- First tankōbon volume cover

おひとりさまホテル (Ohitori-sama Hoteru)
- Genre: Drama, Iyashikei
- Created by: Maro
- Written by: Hirochi Maki
- Published by: Shinchosha
- Imprint: Bunch Comics
- Magazine: Monthly Comic Bunch; (May 20, 2022 – March 21, 2024); Comic Bunch Kai; (April 26, 2024 – present);
- Original run: May 20, 2022 – present
- Volumes: 9

= Ohitori-sama Hotel =

Japanese manga series

Ohitori-sama Hotel (おひとりさまホテル, Ohitori-sama Hoteru) is a Japanese manga series written and illustrated by Hirochi Maki based on an original concept by Maro. It began serialization in Shinchosha's seinen manga magazine Monthly Comic Bunch in May 2022.

==Synopsis==
Fumika Shiokawa is a 31 year-old woman who works for a hotel development company.

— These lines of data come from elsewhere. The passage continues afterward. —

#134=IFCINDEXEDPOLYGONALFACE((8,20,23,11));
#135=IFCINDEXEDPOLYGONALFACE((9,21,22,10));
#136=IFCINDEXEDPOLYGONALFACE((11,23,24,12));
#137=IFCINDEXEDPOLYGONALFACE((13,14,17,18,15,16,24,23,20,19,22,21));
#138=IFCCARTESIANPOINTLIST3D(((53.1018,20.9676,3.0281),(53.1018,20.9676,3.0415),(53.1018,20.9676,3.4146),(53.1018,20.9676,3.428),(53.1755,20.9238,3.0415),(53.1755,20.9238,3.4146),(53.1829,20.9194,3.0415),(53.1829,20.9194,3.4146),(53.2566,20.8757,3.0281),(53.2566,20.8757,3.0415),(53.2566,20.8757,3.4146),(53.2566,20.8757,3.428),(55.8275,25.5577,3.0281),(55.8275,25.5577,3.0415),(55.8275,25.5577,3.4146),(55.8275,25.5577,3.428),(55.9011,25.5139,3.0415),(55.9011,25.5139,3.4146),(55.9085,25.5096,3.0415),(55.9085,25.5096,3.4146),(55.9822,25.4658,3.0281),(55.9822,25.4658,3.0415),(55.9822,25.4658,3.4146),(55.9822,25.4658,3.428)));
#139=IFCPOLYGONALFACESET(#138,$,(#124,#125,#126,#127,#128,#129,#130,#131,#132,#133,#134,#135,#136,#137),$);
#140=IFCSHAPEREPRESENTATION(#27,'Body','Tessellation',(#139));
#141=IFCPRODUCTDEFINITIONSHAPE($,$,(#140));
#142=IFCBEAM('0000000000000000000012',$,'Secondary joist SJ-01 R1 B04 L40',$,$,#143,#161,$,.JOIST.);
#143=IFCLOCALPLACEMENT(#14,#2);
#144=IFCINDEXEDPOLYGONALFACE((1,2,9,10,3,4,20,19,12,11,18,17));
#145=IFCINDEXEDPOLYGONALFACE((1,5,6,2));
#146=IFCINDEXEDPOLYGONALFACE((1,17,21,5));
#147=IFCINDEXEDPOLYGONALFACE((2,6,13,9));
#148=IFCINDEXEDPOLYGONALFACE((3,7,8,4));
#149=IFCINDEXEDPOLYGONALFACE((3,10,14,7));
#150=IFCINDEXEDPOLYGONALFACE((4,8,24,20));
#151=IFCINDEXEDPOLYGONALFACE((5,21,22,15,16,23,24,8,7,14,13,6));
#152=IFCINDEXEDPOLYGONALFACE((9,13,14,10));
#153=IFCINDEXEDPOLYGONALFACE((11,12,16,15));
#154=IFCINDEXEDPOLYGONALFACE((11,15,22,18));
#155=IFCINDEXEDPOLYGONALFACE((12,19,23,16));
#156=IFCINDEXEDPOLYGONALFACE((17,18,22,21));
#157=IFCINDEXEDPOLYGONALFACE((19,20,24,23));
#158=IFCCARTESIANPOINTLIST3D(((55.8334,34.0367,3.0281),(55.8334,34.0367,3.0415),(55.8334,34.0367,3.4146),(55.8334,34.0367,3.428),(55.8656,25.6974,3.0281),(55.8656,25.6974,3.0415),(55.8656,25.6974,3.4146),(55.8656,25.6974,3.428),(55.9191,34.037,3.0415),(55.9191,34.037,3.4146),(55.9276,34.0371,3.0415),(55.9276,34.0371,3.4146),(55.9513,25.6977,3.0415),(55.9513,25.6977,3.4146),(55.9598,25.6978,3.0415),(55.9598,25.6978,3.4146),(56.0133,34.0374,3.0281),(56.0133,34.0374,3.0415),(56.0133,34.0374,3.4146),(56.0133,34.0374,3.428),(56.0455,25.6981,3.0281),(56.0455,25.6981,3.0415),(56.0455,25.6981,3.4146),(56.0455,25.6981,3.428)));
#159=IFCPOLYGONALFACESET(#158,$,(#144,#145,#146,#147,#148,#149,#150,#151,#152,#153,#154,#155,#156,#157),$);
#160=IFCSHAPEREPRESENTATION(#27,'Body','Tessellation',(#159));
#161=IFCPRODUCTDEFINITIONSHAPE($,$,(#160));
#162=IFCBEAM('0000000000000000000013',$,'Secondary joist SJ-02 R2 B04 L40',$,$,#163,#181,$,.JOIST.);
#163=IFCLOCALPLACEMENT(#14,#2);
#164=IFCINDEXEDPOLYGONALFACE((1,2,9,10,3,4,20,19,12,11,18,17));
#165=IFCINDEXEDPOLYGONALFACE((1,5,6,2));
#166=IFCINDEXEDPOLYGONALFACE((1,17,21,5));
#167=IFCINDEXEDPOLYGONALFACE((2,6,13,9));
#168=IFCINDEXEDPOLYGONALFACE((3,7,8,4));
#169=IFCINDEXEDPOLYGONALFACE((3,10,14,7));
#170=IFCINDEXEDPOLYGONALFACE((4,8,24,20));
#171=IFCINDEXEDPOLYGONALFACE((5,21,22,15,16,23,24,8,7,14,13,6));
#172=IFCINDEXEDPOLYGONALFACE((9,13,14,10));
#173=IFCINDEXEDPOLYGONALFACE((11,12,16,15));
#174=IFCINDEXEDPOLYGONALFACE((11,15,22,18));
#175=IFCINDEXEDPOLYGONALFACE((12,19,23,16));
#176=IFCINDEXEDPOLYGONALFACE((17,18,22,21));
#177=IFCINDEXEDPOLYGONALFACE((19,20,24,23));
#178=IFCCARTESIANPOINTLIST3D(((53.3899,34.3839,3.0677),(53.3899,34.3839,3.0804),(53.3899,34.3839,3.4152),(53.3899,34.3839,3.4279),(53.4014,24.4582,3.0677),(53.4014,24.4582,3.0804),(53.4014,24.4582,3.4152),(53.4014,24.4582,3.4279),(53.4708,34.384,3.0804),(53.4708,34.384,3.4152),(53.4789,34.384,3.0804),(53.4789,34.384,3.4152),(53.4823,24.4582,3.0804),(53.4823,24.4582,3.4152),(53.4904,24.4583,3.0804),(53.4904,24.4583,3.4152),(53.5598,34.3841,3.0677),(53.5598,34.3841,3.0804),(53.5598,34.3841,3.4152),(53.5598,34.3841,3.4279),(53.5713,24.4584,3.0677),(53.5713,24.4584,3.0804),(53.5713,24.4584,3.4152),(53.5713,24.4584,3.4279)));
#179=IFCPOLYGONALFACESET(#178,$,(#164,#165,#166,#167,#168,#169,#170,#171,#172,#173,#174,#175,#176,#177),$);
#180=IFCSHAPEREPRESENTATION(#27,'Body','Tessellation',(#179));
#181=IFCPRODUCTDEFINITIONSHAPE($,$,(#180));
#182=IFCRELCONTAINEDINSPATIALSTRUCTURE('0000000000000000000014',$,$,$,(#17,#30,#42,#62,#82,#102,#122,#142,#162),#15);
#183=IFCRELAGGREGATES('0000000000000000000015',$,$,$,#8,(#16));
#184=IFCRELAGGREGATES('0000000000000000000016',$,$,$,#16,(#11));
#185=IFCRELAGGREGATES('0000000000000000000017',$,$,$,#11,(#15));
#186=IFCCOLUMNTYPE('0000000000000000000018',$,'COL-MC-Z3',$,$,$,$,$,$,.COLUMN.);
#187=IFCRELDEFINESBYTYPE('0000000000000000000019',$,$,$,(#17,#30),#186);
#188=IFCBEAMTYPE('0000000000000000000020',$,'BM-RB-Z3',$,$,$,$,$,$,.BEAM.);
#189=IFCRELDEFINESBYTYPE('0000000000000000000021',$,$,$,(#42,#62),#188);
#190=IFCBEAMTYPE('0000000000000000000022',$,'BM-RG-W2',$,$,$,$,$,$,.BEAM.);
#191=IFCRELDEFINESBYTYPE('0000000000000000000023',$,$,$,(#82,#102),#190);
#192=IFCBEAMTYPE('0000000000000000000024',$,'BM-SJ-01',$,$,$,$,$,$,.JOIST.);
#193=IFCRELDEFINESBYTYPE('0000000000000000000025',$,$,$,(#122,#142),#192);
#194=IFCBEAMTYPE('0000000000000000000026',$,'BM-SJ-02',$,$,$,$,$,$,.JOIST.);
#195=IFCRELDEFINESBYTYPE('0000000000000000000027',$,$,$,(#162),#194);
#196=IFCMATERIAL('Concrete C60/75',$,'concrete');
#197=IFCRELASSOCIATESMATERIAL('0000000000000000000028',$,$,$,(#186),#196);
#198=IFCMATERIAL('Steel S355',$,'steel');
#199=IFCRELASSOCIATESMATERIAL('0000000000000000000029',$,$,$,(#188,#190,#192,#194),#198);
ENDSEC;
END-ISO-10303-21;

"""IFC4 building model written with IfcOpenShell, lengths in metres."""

She has had a fondness for hotels since her childhood, and spends her moments away from work at hotels.

==Publication==
Written and illustrated by Hirochi Maki and based on an original concept by Maro, Ohitori-sama Hotel began serialization in Shinchosha's seinen manga magazine Monthly Comic Bunch on May 20, 2022. After the magazine published its final issue on March 21, 2024, the series was transferred to the newly established Comic Bunch Kai website on April 26, 2024. Its chapters have been collected in nine tankōbon volumes as of June 2026.

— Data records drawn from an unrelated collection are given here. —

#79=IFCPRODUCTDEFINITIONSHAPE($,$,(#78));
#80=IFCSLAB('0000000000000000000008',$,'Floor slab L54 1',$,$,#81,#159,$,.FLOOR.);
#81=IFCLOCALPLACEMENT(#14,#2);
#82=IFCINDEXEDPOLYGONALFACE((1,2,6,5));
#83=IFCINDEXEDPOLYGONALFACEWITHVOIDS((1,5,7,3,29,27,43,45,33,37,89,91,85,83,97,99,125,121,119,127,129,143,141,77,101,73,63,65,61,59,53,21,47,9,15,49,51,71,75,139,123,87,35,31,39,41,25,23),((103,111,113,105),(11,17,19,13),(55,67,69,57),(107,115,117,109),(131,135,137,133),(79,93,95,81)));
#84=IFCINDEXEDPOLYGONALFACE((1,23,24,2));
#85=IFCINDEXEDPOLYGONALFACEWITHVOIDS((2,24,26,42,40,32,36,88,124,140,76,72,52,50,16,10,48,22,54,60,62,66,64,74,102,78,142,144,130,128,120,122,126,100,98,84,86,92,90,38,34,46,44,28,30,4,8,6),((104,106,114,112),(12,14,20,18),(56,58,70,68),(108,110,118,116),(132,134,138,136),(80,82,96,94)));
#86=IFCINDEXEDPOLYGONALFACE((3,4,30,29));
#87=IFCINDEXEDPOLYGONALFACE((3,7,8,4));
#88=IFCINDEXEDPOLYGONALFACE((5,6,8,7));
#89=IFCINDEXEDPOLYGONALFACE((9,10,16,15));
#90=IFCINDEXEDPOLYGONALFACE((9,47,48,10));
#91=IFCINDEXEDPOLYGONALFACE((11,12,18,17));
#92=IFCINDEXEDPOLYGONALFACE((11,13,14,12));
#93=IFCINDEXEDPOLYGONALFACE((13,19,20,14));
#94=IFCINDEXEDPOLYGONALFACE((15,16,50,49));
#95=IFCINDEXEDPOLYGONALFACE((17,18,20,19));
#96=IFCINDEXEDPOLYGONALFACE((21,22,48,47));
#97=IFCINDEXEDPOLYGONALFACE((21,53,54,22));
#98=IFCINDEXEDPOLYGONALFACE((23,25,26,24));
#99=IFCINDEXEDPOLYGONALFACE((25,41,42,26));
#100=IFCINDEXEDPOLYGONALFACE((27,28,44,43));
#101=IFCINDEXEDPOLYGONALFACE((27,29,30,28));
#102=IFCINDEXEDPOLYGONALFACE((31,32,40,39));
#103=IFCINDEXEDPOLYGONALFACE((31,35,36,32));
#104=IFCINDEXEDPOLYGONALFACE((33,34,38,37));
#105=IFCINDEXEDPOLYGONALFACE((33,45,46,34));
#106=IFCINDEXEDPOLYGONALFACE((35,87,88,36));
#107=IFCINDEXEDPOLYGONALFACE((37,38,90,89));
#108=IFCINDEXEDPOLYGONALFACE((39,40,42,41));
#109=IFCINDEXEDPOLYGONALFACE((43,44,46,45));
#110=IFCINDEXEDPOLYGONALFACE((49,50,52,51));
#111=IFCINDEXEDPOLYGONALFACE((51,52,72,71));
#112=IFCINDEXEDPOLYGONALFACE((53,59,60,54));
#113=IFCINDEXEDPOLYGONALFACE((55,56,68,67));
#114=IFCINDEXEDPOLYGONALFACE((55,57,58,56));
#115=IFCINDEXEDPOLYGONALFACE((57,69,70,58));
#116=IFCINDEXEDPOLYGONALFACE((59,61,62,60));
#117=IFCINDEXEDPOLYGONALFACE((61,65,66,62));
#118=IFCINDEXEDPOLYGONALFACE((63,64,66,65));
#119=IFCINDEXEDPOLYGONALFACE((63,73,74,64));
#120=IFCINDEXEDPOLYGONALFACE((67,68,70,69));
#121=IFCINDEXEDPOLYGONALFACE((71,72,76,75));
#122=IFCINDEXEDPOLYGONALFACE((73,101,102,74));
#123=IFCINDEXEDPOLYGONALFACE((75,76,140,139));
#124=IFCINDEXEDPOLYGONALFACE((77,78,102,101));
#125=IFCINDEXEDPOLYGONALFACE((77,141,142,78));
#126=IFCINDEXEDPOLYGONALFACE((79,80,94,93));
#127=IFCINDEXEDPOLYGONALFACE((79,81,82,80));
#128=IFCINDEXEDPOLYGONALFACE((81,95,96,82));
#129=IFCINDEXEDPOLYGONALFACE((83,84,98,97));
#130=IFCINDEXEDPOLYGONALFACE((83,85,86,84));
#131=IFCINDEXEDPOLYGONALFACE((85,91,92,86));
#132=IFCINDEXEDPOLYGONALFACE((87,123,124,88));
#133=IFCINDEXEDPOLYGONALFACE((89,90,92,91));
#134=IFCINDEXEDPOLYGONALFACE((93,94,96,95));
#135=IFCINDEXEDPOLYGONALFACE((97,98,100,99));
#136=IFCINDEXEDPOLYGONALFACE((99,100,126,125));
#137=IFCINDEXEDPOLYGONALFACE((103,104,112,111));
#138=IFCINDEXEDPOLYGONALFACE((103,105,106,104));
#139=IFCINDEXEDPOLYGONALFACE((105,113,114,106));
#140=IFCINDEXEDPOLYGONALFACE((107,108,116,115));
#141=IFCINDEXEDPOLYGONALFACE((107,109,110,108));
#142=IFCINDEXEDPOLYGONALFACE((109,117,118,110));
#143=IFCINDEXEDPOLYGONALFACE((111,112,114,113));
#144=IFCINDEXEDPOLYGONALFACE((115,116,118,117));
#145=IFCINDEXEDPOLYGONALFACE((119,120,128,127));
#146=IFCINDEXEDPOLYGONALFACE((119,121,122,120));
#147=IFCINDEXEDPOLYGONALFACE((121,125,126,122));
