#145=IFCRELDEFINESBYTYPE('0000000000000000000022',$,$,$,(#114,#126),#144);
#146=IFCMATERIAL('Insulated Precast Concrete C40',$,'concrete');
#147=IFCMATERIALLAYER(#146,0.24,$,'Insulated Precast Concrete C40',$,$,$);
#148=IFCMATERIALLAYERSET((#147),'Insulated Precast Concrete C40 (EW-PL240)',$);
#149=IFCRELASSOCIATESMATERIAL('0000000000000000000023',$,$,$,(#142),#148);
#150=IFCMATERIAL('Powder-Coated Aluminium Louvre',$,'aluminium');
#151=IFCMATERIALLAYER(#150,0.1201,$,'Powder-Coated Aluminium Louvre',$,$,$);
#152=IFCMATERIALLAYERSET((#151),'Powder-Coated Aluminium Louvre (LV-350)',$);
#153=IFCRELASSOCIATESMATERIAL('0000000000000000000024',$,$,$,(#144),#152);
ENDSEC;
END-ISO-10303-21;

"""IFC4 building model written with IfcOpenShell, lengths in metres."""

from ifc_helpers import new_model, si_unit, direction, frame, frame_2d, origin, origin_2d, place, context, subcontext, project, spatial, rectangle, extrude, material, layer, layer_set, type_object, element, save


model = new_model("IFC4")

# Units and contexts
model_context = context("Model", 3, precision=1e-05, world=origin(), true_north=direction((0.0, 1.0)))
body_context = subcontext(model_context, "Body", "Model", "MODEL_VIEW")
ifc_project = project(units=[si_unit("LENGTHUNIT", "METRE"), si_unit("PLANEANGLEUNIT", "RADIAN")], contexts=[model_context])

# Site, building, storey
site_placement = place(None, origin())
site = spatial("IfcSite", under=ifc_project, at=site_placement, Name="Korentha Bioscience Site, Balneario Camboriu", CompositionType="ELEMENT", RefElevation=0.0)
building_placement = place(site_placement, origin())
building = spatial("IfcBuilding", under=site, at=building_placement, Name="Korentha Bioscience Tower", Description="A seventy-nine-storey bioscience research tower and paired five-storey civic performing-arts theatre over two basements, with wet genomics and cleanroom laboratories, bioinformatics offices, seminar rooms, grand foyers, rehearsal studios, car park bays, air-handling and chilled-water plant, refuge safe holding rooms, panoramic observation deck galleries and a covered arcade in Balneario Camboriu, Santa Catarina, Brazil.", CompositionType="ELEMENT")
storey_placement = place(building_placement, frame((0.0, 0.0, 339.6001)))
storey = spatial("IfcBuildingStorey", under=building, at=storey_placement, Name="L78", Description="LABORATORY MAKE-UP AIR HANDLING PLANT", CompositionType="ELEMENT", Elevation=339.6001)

| No. | Release date | ISBN |
|---|---|---|
| 1 | January 7, 2023 | 978-4-10-772557-8 |
| 2 | August 8, 2023 | 978-4-10-772636-0 |
| 3 | January 9, 2024 | 978-4-10-772677-3 |
| 4 | June 7, 2024 | 978-4-10-772725-1 |
| 5 | December 9, 2024 | 978-4-10-772779-4 |
| 6 | April 9, 2025 | 978-4-10-772819-7 |
| 7 | September 9, 2025 | 978-4-10-772871-5 |
| 8 | February 9, 2026 | 978-4-10-772911-8 |
| 9 | June 9, 2026 | 978-4-10-772953-8 |

==Reception==
The series, alongside Itsuka Shinu nara E o Utte kara and Fall in Love, You False Angels, was ranked 18th in the 2024 edition of Takarajimasha's Kono Manga ga Sugoi! guidebook for the best manga for female readers. The series was a prize winner in the "Next Impact Comic" category at the 2nd Rakuten Kobo E-book Manga Awards in 2024. The series was ranked fourth in Da Vincis 2025 Book of the Year ranking.